As it happens, Ms. Huber and Ms. Van Godtsenhoven had proposed similar female-focused retrospective shows to Andrew Bolton, the Costume Institute’s curator in charge, around the same time in 2019, the year before the 100th anniversary of women’s suffrage. They decided to team up, but the Covid-19 pandemic intervened, postponing the show to this year.

The result showcases the work of about 70 designers held in the Costume Institute’s collection, which stretches from the turn of the 20th century to today and includes names both famous (Jeanne Lanvin, Claire McCardell) and little known (Augusta Bernard, Madeleine & Madeleine). And it is a reminder that once upon a time, the industry looked very different.

“The ’20s and ’30s were a period when women designers were incredibly active and prolific, and it’s the one moment in history when women actually slightly outnumbered men in leading the creative direction of fashion,” Ms. Huber said. “But that moment never really, truly occurred again.”

As to why the shift, Ms. Huber said it had to do with “gender and social change and a lack of confidence on the part of the financial community to invest in women” after World War II. “When we had the New Look in ’47 with Dior, there was a major tidal change,” she continued. “We’ve never entirely recovered.”

To illustrate how we got here, the Costume Institute show traces the work of female designers from their anonymous beginnings, when, Ms. Huber said, “many women were working in a field that didn’t recognize the contributions of individual makers” through the hegemony of the French couture houses, when Chanel, Schiaparelli, Vionnet and Grès dominated.

Then it moves on to what Ms. Huber calls “the boutique generation” of the 1960s — designers like Mary Quant and Bonnie Cashin, who cleared their own path — culminating in pieces by designers working today and “thinking collaboratively, considering notions of sustainability and inclusivity.”

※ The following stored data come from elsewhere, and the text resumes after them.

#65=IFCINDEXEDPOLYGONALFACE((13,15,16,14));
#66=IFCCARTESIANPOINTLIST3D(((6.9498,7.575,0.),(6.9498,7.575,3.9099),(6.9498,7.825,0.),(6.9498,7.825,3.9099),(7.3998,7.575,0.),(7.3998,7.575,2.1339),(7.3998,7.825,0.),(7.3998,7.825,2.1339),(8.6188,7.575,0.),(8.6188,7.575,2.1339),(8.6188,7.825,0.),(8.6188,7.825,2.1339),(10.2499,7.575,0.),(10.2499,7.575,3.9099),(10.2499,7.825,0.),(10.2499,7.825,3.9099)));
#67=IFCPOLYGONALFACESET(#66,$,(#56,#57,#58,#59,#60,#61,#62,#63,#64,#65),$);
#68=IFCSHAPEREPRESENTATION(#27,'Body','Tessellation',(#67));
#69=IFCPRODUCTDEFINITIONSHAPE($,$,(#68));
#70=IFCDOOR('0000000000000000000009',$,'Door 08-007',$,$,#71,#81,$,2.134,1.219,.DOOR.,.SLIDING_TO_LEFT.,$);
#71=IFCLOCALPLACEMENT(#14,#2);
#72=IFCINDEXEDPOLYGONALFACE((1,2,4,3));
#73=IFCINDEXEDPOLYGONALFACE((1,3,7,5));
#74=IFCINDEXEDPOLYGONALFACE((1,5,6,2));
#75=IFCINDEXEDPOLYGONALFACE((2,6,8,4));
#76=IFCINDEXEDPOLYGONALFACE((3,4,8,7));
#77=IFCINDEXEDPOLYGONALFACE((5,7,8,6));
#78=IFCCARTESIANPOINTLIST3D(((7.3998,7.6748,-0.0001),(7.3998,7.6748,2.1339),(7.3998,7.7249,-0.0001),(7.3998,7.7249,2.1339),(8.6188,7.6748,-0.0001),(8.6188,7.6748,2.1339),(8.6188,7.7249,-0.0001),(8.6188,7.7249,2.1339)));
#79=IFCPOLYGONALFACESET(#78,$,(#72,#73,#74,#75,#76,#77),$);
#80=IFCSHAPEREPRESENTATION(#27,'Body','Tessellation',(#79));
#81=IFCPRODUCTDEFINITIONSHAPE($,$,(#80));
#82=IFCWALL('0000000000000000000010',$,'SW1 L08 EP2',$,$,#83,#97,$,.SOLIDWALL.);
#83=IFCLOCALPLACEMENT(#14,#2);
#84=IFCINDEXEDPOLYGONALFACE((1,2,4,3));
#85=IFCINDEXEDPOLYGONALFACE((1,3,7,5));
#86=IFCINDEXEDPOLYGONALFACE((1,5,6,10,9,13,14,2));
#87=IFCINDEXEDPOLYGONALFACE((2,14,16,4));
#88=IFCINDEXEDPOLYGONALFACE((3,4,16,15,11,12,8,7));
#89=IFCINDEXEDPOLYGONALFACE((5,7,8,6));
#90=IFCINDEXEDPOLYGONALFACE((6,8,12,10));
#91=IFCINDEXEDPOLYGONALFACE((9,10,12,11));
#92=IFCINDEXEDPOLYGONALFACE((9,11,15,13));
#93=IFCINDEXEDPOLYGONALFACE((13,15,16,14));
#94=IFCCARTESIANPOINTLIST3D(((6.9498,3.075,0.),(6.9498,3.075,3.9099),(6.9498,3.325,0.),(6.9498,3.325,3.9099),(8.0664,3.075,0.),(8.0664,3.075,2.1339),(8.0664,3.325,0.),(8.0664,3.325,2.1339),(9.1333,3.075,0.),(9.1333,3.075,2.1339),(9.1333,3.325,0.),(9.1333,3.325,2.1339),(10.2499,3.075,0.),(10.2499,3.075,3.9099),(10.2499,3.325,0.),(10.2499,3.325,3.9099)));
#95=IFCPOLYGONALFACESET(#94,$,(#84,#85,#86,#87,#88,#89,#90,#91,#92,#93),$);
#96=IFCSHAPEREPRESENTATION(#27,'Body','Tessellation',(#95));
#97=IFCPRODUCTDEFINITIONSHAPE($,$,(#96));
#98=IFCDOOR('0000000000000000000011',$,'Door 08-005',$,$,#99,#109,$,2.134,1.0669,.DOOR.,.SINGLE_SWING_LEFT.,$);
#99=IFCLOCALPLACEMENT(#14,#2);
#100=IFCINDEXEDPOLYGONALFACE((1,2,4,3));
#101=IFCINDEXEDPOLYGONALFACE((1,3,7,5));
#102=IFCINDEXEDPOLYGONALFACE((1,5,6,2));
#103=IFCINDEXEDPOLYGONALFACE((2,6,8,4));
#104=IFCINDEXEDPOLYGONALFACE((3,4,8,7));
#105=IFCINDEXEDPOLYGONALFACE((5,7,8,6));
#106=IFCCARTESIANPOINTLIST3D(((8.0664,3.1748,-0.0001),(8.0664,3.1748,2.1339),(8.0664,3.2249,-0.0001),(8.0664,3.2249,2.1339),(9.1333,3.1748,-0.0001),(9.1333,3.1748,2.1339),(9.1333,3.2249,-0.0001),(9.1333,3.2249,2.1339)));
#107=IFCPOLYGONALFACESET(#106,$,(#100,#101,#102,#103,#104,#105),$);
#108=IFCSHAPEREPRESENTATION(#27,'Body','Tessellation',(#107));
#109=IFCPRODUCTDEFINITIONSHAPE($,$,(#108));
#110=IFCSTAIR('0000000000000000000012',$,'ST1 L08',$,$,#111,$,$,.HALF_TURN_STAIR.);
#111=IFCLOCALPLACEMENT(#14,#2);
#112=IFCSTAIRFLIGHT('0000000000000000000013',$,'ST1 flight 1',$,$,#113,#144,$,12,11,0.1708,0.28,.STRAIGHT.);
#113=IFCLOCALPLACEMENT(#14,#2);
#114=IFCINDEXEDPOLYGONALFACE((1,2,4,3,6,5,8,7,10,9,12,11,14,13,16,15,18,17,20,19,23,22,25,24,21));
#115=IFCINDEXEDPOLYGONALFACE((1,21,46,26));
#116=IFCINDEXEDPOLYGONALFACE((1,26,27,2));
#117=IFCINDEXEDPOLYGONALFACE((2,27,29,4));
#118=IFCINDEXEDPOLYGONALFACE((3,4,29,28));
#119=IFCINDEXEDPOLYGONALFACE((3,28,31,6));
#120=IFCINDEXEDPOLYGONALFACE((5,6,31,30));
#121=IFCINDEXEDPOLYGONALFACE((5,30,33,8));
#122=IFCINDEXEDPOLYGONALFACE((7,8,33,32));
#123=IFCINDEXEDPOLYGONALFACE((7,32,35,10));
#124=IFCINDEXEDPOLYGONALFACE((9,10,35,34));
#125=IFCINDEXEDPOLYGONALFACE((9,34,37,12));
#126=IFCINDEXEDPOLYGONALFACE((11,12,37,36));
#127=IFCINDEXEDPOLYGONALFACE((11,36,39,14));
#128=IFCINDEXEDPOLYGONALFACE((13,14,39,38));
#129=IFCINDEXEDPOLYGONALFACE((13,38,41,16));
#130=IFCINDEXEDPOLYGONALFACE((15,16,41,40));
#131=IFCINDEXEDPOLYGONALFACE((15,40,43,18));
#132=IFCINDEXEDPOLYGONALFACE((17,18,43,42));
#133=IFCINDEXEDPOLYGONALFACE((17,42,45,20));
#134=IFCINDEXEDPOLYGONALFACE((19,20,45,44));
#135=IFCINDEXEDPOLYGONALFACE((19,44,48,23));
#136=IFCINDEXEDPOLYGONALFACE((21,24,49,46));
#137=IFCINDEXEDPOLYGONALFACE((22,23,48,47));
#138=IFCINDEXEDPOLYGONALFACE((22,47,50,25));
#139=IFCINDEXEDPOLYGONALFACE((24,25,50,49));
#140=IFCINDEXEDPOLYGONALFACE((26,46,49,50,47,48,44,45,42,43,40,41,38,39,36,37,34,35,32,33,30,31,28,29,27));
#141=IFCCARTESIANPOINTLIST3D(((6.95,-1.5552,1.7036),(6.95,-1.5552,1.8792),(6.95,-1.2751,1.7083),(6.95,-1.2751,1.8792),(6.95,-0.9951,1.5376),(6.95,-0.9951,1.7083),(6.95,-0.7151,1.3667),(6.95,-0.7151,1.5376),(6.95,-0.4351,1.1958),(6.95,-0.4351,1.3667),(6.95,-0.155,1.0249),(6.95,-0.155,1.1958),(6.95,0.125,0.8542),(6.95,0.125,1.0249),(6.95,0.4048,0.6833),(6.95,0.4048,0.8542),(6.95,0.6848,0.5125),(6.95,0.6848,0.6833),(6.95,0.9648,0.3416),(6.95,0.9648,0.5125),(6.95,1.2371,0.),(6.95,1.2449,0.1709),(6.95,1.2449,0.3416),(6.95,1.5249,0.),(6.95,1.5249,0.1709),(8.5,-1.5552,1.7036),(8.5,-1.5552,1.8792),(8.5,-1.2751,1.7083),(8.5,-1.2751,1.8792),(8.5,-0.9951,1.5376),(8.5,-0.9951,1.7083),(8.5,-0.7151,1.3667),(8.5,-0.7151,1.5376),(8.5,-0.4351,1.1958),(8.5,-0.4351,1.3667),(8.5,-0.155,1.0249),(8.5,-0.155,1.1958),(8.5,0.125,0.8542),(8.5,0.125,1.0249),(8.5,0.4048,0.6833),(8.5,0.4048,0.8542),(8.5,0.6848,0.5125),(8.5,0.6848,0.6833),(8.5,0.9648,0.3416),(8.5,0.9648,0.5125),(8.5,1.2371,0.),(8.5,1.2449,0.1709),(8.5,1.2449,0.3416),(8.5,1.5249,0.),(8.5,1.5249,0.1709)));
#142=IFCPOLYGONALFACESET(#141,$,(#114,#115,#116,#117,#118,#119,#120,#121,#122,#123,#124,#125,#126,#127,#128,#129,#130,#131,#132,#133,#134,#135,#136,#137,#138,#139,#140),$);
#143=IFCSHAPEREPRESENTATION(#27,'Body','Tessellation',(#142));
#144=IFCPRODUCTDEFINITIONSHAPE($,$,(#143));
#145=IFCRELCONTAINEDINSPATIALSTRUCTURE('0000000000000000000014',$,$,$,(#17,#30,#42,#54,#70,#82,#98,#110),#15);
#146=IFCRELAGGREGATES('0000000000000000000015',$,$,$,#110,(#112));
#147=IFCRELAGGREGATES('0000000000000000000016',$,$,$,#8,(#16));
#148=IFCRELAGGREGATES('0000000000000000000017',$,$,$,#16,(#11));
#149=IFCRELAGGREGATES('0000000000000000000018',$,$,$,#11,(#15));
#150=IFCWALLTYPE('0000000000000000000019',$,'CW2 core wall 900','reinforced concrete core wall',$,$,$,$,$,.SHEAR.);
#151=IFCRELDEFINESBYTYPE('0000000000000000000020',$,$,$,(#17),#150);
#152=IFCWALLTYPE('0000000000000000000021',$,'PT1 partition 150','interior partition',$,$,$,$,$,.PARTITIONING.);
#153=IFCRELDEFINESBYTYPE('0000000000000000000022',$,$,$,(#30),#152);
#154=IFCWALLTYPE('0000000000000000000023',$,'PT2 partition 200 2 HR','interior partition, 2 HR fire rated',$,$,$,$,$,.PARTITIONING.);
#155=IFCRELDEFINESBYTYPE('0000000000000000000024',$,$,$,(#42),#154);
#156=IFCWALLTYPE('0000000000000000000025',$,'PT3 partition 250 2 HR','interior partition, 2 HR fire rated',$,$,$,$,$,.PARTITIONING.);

Along the way the exhibition rights a few historical wrongs, such as the often mistaken attribution of the famous Fortuny Delphos gown solely to the Fortuny founder, Mariano Fortuny, instead of to his wife, Adèle Henriette Negrin Fortuny.

“The Delphos dress is a great example of something that is very canonized, very familiar, even to nonspecialists,” Ms. Huber said. But the pleating patent that had been filed for the gown includes a handwritten note from Mr. Fortuny noting “that Henriette Negrin Fortuny was actually the rightful inventor and that essentially he filed it under his name for expediency,” Ms. Huber said.

“To realize that there was actually another person behind the dress who had been removed from the historical record for so long was astonishing,” Ms. Huber added.

The show also enabled the curators to add the work of at least a dozen new names to the museum’s holdings, including Marine Serre, Anifa Mvuemba of Hanifa and Hillary Taymour of Collina Strada, thus carving out a permanent space for them in the historical record and ensuring, Ms. Huber said, that this is simply the start of “a much longer ongoing conversation.”

“I think it’s a very exciting moment for women designers,” she added. What really matters is what happens next, now that “this critical mass of voices is suddenly coming together.”